Inoltre anche ipotesi concordatarie od accordi con i terzi
possono determinare l'esigenza di disporre la liquidazione
od il trasferimento di aziende, o di singoli rami produttivi,
o di beni singoli.
Il
progetto di riforma contiene precise disposizioni dirette
a regolare la cessione dei complessi aziendali ed, in caso
di mancata attuazione del programma, la liquidazione dei
beni, prevedendo che si debba fare ricorso a forme agili
e spedite di vendita, purchè trasparenti e caratterizzate
da ampia pubblicità, previo parere del comitato dei
creditori e, nei casi di particolare rilevanza economica,
con l'autorizzazione del giudice delegato (lettera tt)).
Gli
effetti della dichiarazione dello stato di crisi o di insolvenza
della società con soci illimitatamente responsabili,
escluse le cooperative, si estendono anche a questi ultimi,
tenuti all'adempimento delle obbligazioni sociali con tutto
il proprio patrimonio (lettera uu)).
In
ordine alla lettera vv) va premesso che la ripartizione
dell'attivo caratterizza l'ipotesi del risanamento dell'impresa
mediante cessione dei complessi aziendali oppure della mera
liquidazione del patrimonio del debitore, in quanto nel
caso della ristrutturazione si presuppone che l'imprenditore
riacquisti la capacità di far fronte alle sue obbligazioni
e, quindi, non si rende più necessario provvedere
al loro soddisfacimento con il realizzo delle attività.
Tuttavia,
rispetto all'attuale disciplina concorsuale, sono state
introdotte profonde modificazioni che comportano poteri
più ampi per il giudice delegato, perché al
criterio della distribuzione dell'attivo, secondo l'ordine
delle prelazioni stabilito dal codice civile, sono stati
introdotti altri criteri prioritari in favore di determinate
categorie di creditori, fatta salva la possibilità
di distribuire determinati acconti a coloro che sicuramente
potranno essere soddisfatti, secondo le nuove regole sopra
menzionate.
Il
fondamento giuridico di questa innovazione va ricollegato
all'esigenza di favorire i creditori che devono contribuire
all'attuazione del piano di risanamento, mantenendo quel
rapporto di fiducia verso l'imprenditore in stato di insolvenza
che può continuare a ricevere le forniture od il
credito di cui godeva e può più agevolmente
proseguire nell'esercizio dell'attività d'impresa.
In
occasione della nuova normativa prevista per l'amministrazione
straordinaria, è stata introdotta una facoltà
del commissario straordinario di distribuire acconti in
favore di alcune categorie di creditori, tenendo conto del
beneficio che potrebbe derivarne per la prosecuzione dell'esercizio
dell'impresa.

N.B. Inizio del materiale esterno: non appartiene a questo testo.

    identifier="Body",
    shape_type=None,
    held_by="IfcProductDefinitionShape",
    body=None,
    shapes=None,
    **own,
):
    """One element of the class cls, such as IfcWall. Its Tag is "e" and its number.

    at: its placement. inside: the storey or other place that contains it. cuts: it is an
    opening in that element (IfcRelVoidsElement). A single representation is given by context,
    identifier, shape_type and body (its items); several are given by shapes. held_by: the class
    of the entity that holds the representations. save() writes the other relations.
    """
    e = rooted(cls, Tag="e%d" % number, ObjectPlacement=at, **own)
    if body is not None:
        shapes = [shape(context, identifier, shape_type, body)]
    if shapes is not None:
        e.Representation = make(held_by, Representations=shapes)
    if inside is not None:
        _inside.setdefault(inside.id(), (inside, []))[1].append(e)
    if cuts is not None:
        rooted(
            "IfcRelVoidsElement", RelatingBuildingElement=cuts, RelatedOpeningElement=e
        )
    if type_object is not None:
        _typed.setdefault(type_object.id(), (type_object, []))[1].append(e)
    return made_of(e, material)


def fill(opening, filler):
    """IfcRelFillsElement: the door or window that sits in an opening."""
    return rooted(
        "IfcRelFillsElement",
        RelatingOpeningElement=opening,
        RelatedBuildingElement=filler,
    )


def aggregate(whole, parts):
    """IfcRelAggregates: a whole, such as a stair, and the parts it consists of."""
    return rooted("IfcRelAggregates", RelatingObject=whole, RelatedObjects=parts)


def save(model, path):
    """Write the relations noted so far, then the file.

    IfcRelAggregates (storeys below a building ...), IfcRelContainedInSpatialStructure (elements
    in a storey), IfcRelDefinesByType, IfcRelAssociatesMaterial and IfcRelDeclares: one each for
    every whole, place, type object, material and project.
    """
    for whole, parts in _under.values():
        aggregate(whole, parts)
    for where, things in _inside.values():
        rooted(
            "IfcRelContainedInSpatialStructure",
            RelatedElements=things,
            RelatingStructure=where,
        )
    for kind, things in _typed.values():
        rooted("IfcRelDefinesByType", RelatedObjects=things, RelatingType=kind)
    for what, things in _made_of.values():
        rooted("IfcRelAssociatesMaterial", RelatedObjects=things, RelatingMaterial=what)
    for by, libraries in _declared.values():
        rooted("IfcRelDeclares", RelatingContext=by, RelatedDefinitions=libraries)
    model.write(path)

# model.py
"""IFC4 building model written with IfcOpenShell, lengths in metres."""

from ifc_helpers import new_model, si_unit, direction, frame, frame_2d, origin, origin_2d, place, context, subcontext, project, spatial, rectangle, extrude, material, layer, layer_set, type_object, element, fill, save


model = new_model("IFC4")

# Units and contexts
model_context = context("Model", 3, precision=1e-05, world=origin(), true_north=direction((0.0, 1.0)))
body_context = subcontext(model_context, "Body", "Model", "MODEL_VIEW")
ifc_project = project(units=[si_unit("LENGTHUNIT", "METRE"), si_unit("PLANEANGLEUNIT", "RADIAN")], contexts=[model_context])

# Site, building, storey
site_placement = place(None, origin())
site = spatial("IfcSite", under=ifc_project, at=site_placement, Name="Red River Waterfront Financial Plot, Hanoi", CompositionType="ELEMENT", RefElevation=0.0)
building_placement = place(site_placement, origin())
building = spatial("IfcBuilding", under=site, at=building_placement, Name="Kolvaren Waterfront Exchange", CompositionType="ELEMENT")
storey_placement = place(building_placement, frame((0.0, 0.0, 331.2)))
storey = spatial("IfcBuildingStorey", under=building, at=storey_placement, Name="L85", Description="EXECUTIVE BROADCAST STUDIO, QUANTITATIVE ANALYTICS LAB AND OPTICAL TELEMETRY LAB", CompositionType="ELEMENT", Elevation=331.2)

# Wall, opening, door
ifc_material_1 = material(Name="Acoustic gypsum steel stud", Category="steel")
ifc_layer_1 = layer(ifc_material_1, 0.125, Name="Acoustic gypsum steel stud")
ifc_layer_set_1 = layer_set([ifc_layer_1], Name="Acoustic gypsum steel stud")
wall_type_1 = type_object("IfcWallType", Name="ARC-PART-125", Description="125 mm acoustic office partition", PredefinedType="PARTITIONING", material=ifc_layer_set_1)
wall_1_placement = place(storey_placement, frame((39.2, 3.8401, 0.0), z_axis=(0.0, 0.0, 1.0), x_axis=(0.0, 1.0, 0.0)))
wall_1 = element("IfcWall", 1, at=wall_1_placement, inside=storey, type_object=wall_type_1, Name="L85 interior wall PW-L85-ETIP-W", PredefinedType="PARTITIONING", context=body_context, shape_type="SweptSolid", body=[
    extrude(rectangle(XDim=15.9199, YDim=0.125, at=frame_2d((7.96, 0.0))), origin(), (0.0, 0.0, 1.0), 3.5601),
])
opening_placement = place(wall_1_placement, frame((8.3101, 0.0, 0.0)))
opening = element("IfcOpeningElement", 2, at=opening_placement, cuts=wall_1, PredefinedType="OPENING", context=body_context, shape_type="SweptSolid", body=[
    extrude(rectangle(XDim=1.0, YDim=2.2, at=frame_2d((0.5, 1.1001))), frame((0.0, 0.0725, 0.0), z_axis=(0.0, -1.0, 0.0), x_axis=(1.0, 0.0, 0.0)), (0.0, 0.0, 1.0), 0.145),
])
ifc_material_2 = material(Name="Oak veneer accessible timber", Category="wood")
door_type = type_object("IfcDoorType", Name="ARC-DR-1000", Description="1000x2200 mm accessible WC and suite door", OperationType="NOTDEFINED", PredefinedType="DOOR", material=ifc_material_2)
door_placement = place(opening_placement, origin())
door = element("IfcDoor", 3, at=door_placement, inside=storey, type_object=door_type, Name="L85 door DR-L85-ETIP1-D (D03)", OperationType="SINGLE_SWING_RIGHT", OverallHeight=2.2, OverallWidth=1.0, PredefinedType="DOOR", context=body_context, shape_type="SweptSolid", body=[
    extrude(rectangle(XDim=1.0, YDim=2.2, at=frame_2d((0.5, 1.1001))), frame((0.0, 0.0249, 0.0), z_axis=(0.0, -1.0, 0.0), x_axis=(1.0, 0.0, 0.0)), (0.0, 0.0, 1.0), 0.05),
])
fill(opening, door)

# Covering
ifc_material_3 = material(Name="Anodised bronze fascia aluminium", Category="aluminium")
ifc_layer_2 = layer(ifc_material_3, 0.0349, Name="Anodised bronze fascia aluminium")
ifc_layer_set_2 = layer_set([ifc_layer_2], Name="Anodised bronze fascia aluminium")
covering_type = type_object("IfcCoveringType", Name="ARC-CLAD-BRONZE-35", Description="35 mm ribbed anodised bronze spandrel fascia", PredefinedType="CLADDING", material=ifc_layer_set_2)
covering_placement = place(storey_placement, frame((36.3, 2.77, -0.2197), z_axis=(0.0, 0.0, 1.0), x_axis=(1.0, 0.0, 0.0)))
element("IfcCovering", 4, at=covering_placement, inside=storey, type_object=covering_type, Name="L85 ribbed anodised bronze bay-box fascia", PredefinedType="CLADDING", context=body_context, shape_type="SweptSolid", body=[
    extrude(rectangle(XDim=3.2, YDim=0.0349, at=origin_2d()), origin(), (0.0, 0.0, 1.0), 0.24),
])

In particolare, tale normativa prevede che
, nella distribuzione degli acconti, deve essere data preferenza,
sempre nel rispetto della par condicio creditorum, ai lavoratori
subordinati ed ai crediti degli imprenditori per le vendite
e le somministrazioni di beni e per le prestazioni di servizi
effettuate a favore dell'impresa insolvente nei sei mesi
precedenti la declaratoria di tale stato.
Nella
disciplina in esame questa particolare attenzione è
stata estesa alla distribuzione degli acconti, in modo tale
che anche la corresponsione degli acconti avvenga più
funzionalmente nei confronti di coloro che sono preferiti
agli altri creditori.
In
conformità all'esecuzione del tipo di programma -
di risanamento o liquidatorio -che si intende realizzare
è stato stabilito alla lettera zz) che anche la chiusura
della procedura non può che rispecchiare questa due
diverse eventualità. Pertanto è chiaro che,
se la cessazione del procedimento si conclude per concordato,
può conseguirne la completa esdebitazione dell'imprenditore
in conseguenza degli effetti remissori di tale istituto.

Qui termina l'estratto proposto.